Bargh & Morsella 2008: did conscious replace unconscious
Conscious capacities did not replace unconscious mechanisms
Analogy- nuclear power plants still use transistors and cathode ray tube displays because they can’t be taken off-line to replace old technology
Daniel Dennett 1991: our use of analogies
We often use analogies for behaviour, for example: warmth searching = security seeking
Rozin 1976; Reber 1991: conscious depends on unconscious
Unconscious mechanisms furnish inputs into conscious choice and decision processes — the later evolving conscious circuits start with, and depend on, the unconscious mechanisms, so the later are ‘locked in’ the mind forever.

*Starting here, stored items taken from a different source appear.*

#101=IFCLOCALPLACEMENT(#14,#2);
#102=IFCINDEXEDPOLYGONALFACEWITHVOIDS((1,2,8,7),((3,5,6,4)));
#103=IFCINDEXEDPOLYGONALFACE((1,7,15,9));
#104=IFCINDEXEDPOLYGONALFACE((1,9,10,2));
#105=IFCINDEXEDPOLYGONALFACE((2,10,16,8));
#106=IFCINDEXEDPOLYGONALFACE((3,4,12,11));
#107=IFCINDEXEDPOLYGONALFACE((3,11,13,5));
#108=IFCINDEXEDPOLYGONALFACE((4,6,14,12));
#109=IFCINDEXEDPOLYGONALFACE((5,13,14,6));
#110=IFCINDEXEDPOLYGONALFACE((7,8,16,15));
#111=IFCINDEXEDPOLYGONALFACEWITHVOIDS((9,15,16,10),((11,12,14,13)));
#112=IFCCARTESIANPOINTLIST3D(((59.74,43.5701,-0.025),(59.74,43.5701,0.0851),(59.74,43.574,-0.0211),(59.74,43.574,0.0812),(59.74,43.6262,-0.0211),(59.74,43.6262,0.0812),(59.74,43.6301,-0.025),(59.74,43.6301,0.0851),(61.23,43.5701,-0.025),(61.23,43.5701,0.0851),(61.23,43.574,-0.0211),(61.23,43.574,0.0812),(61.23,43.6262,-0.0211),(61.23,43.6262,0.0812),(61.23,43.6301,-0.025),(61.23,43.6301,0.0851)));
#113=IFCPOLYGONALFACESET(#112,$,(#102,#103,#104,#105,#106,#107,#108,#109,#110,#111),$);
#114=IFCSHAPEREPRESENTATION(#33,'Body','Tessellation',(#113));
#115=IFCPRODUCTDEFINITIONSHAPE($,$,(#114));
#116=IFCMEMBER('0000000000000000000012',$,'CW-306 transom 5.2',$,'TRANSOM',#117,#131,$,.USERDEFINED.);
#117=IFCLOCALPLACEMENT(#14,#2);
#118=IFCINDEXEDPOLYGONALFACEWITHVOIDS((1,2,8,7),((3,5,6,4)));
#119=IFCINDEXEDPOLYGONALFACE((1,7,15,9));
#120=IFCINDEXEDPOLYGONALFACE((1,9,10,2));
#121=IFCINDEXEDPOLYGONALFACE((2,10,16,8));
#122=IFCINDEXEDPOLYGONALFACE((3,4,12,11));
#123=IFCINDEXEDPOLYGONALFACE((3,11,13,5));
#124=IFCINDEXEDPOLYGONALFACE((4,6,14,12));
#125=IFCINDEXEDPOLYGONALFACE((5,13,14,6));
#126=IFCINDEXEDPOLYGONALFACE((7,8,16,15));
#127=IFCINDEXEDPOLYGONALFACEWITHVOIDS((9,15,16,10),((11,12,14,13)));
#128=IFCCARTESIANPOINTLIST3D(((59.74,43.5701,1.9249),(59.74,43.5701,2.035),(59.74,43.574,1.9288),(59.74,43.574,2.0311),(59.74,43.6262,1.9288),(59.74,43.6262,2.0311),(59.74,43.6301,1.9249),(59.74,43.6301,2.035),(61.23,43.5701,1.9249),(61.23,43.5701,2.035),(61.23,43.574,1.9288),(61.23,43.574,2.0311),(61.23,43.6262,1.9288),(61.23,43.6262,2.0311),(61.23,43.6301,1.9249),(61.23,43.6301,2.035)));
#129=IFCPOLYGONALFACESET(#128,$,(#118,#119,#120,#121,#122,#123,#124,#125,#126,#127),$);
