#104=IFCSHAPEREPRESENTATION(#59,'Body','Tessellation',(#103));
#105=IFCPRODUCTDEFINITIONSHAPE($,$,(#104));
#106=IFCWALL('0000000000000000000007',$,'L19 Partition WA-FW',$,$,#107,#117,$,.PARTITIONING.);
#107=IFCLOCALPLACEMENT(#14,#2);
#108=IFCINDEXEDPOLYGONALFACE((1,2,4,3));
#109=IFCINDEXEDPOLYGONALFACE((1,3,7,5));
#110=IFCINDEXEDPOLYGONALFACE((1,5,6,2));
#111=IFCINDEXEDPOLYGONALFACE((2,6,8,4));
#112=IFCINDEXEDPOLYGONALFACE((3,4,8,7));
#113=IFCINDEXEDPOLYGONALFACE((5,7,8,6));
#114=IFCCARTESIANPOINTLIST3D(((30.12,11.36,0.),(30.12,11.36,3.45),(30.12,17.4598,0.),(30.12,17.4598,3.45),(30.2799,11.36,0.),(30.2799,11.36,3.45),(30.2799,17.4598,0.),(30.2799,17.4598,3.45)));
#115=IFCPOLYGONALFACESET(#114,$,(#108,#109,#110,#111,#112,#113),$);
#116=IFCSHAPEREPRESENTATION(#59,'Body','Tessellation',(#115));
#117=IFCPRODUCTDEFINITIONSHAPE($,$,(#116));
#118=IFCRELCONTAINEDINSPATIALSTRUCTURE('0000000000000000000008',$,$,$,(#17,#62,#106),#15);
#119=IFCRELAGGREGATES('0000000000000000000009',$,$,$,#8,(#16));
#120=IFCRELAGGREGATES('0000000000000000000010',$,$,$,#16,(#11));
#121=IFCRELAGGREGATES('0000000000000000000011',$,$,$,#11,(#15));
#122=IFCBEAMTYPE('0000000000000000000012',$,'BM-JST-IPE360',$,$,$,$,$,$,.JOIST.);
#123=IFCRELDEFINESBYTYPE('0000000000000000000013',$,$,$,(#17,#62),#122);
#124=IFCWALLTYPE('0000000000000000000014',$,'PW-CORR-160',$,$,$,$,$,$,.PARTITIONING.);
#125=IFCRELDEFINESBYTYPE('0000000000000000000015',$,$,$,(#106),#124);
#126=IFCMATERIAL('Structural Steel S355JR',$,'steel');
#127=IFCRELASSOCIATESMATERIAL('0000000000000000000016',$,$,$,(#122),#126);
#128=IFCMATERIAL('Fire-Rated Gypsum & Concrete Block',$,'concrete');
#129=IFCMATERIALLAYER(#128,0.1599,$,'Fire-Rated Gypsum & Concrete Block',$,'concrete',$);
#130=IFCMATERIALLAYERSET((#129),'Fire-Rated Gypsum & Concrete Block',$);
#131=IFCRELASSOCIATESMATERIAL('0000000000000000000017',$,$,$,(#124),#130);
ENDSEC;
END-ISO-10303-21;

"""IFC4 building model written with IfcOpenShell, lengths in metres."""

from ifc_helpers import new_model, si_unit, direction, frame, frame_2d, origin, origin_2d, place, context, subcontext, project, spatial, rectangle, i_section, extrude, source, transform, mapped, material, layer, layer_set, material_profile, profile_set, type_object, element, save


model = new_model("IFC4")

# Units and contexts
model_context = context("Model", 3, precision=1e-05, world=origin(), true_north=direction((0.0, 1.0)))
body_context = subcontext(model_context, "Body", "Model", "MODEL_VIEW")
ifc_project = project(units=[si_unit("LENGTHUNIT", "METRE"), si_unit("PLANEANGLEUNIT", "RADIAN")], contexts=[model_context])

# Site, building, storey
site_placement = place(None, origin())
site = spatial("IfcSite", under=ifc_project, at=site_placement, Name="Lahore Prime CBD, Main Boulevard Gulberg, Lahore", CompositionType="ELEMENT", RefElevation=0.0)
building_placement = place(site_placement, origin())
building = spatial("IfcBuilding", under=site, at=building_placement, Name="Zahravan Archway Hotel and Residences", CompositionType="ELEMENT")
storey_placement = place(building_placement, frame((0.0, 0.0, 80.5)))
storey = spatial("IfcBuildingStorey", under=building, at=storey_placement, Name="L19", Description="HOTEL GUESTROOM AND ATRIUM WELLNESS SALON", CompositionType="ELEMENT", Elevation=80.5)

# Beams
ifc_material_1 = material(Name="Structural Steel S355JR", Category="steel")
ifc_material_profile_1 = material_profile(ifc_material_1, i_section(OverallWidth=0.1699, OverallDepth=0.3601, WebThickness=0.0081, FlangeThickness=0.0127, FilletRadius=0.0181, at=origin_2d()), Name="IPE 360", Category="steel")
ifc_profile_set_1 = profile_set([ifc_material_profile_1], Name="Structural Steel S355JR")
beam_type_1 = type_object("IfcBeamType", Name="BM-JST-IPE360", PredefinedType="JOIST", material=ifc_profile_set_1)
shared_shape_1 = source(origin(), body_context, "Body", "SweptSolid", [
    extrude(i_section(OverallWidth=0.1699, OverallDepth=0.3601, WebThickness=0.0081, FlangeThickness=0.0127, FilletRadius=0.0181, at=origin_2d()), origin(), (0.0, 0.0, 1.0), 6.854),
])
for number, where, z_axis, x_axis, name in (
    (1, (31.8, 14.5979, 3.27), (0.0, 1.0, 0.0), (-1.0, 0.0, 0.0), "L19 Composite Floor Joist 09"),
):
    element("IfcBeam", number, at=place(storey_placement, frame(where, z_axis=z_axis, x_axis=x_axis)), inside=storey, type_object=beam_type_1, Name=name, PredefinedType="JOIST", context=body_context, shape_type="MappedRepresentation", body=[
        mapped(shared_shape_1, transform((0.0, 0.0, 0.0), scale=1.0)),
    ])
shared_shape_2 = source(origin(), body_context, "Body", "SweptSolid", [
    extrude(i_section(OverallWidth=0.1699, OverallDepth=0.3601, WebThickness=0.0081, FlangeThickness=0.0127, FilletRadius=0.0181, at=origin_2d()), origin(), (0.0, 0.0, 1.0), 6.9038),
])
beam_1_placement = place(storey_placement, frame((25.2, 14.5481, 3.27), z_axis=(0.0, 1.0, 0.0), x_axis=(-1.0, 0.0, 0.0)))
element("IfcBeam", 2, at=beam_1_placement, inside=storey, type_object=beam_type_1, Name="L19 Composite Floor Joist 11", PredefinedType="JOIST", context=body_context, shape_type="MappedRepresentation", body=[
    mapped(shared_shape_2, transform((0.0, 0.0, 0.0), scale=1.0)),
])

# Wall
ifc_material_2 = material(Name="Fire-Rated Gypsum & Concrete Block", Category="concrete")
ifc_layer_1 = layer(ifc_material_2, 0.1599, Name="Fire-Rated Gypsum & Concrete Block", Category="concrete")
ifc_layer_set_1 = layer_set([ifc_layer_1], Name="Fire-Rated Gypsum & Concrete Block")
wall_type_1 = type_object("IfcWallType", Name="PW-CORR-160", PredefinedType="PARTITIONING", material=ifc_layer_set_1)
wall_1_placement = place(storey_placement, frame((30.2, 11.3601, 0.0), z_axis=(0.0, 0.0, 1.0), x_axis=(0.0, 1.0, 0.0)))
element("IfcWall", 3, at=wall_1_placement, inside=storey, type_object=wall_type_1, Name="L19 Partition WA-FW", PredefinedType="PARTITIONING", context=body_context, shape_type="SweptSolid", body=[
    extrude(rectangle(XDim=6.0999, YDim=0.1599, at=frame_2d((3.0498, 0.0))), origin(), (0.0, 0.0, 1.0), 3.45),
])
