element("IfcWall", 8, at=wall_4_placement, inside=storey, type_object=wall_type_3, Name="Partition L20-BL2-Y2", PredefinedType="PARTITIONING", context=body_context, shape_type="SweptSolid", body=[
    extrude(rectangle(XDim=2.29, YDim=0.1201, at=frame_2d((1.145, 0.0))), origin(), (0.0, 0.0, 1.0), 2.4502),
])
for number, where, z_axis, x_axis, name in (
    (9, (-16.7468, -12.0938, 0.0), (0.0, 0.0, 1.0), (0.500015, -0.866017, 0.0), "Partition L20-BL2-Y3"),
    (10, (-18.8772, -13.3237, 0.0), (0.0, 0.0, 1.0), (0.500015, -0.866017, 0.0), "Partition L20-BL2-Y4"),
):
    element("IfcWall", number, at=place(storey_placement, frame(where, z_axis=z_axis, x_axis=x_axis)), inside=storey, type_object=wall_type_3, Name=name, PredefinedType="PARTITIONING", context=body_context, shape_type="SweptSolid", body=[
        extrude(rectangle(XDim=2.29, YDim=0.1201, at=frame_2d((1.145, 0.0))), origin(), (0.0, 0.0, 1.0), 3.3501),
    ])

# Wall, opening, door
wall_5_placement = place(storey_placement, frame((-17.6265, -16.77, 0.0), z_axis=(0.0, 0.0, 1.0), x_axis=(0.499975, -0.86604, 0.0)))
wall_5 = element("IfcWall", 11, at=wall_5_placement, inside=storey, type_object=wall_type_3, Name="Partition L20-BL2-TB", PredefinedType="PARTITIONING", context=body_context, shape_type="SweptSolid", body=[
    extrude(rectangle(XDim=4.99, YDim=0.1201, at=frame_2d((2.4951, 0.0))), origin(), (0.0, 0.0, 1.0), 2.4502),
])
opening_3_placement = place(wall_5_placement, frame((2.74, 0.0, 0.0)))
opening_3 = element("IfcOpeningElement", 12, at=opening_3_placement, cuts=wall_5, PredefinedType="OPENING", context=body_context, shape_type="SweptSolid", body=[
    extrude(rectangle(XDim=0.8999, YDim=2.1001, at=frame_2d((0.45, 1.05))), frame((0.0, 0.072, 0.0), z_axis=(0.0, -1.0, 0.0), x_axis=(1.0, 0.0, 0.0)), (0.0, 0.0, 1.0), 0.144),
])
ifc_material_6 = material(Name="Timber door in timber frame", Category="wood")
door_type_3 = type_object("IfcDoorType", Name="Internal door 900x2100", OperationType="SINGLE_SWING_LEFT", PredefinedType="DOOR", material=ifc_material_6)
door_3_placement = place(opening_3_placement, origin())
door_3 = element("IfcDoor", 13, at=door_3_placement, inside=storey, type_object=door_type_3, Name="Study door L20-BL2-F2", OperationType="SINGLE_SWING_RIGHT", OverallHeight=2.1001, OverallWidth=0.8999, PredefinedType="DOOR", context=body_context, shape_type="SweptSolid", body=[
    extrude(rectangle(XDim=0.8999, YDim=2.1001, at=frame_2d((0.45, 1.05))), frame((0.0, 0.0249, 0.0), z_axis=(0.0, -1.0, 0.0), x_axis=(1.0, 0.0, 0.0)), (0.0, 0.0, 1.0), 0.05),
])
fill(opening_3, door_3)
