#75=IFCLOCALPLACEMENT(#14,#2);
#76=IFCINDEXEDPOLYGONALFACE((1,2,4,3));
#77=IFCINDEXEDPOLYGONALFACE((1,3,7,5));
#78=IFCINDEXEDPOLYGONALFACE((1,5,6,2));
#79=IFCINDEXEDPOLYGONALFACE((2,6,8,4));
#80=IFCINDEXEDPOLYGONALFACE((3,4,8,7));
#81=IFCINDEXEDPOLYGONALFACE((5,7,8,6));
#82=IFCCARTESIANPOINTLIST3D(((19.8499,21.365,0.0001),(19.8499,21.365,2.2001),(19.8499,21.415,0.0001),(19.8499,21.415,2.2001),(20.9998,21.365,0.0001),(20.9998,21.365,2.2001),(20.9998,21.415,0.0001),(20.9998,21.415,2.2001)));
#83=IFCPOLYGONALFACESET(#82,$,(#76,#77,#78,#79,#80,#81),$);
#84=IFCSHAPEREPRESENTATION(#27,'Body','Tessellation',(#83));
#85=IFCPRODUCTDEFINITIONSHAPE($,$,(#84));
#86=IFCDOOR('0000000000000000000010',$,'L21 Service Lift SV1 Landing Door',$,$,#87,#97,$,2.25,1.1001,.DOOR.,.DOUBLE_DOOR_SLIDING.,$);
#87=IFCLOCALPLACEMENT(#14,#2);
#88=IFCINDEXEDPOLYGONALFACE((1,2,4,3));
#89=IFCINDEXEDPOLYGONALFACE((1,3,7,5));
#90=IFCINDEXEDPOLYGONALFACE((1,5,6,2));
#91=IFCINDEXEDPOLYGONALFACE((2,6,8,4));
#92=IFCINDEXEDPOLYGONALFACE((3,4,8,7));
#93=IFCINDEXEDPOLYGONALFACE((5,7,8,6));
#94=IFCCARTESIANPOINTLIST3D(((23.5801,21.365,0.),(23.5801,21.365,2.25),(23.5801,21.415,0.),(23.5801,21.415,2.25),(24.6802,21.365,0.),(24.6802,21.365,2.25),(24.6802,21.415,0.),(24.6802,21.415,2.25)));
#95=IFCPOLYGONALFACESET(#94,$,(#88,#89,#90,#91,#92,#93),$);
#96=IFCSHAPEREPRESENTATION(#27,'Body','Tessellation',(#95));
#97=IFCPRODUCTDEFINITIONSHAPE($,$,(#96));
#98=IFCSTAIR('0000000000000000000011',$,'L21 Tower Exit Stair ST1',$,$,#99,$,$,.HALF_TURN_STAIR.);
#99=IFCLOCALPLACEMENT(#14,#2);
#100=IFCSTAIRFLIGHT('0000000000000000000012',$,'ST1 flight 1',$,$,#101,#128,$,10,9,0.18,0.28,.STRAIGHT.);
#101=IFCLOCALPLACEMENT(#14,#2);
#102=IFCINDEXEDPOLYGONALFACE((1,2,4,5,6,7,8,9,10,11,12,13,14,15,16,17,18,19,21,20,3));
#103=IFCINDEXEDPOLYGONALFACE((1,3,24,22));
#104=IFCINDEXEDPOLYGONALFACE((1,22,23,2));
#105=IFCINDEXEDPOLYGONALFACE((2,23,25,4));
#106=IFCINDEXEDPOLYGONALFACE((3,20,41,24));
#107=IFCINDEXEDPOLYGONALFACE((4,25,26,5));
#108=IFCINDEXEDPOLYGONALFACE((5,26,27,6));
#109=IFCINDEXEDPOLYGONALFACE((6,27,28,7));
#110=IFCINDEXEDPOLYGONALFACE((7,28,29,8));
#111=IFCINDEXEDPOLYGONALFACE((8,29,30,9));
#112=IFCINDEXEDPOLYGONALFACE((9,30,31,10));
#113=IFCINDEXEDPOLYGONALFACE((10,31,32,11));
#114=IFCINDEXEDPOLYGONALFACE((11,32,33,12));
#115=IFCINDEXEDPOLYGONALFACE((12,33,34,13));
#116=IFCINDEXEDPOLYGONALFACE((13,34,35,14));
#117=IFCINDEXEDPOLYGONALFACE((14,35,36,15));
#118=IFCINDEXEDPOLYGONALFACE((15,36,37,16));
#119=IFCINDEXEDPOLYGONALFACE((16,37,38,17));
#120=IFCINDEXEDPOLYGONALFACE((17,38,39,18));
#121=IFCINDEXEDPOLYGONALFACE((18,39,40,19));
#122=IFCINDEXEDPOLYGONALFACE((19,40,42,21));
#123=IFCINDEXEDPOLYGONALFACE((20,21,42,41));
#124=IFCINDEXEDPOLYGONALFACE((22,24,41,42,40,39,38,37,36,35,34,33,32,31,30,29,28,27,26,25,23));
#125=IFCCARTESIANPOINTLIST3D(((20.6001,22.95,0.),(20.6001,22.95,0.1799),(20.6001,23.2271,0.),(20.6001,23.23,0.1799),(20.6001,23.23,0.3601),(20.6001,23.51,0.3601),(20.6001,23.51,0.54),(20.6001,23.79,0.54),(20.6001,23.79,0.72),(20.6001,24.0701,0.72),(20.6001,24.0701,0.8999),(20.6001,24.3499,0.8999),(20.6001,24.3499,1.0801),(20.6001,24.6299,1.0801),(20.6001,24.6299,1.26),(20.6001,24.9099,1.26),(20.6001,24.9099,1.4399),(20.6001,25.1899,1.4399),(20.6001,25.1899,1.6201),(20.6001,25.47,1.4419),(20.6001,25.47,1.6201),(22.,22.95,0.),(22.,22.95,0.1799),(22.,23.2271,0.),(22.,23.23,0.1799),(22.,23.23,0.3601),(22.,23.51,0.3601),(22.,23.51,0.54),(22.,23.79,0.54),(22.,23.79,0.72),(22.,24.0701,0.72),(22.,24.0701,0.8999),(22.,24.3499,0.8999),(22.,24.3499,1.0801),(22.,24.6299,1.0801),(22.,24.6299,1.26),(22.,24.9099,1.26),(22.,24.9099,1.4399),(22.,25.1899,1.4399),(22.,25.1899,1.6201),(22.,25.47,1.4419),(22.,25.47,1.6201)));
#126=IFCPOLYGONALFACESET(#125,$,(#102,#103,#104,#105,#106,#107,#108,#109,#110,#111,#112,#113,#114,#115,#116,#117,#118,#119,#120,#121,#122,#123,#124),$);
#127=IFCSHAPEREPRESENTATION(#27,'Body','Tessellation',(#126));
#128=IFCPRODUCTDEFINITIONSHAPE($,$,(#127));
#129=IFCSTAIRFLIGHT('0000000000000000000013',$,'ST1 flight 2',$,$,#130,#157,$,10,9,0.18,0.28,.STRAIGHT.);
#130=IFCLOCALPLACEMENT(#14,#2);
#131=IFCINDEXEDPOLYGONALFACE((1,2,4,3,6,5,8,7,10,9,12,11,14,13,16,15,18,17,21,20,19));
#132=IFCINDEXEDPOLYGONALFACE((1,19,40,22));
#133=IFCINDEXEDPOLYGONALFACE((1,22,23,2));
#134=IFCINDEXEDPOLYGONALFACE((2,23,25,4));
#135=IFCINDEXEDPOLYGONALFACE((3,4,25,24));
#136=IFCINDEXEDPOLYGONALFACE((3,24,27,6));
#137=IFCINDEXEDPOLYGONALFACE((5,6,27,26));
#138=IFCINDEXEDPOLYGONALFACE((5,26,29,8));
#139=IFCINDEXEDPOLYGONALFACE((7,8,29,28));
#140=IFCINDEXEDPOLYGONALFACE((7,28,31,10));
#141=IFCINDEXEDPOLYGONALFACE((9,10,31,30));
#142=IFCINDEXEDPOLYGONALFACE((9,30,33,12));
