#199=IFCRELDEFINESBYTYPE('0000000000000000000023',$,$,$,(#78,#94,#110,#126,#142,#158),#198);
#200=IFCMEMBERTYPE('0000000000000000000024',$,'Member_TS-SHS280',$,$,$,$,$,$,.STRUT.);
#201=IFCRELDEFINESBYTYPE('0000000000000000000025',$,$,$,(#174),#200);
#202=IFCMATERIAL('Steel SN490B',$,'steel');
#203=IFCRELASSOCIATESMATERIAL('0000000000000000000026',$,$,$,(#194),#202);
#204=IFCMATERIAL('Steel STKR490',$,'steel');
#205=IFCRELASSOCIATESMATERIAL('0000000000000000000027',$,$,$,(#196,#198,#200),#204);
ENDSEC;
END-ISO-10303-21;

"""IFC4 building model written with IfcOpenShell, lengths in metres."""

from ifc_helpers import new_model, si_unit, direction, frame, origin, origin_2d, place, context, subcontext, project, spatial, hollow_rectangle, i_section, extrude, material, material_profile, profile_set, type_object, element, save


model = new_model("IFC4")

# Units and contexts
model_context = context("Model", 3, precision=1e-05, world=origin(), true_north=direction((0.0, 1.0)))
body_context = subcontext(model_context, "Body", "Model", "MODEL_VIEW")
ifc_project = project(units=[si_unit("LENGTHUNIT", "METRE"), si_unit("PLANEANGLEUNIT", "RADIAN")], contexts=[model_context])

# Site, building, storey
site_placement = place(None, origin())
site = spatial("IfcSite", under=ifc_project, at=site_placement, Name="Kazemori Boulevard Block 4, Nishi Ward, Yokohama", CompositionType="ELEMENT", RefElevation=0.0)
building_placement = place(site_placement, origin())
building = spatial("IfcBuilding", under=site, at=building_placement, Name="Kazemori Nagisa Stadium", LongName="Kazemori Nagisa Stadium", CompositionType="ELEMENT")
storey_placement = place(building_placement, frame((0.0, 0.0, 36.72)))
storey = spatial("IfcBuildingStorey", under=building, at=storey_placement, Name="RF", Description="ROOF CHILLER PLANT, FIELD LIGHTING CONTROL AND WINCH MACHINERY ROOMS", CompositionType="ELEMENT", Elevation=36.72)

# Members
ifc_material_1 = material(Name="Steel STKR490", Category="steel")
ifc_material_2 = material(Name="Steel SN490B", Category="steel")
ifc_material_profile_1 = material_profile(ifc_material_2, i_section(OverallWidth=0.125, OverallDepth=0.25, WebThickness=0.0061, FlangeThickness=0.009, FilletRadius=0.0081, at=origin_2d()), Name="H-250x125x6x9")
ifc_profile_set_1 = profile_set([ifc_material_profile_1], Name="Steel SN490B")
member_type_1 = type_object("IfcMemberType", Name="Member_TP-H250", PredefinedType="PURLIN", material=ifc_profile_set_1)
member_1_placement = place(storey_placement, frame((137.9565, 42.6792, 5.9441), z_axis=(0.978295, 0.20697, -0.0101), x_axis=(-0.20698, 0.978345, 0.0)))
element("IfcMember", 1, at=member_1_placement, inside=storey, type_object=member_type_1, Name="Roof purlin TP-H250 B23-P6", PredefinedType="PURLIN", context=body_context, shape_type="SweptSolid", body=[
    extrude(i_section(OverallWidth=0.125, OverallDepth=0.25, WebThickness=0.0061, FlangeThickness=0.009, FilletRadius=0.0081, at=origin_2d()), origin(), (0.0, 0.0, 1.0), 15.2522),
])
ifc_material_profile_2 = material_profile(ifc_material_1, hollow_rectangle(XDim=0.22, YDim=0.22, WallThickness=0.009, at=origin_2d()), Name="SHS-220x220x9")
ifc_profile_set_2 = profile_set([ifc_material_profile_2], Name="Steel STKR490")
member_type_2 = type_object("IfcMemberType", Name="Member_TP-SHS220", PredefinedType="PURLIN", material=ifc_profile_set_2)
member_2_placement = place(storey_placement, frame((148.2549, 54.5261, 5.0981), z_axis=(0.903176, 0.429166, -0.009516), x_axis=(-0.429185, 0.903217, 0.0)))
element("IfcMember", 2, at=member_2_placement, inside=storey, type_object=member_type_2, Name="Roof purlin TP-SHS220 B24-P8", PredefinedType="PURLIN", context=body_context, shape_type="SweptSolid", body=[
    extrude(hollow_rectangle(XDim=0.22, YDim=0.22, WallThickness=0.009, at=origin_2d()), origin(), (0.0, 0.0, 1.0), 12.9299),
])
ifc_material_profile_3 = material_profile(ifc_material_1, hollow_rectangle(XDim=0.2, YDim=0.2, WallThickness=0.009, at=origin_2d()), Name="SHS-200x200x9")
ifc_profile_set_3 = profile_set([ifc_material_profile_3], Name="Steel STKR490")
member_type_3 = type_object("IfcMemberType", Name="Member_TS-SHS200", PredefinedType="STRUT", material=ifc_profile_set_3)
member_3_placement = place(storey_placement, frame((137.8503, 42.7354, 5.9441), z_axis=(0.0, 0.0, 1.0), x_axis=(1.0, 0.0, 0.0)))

Gollwitzer et al. 2020: broken patterns
Dislike of broken patterns (non-social deviancy) predicts greater moral condemnation and punishment of harm and purity violations.
Gollwitzer 2017: Why do we dislike deviance? And how it’s related to prejudice
Children and adults dislike of broken patterns is correlated with measures of racism and prejudice. “Types” of people and types of behaviour that ‘break the pattern’ are different from what most people are like or do, can be disliked merely because they are different.
Hills, Gladstone et al: Forging through the mind
Participants that played a game where they searched for treasure, food, gold, etc were faster and more productive in searching their memories for examples of types of events or remembering various features of their past. Searching one’s mind for memories is akin to foraging for food, it’s that physical physiological relationship.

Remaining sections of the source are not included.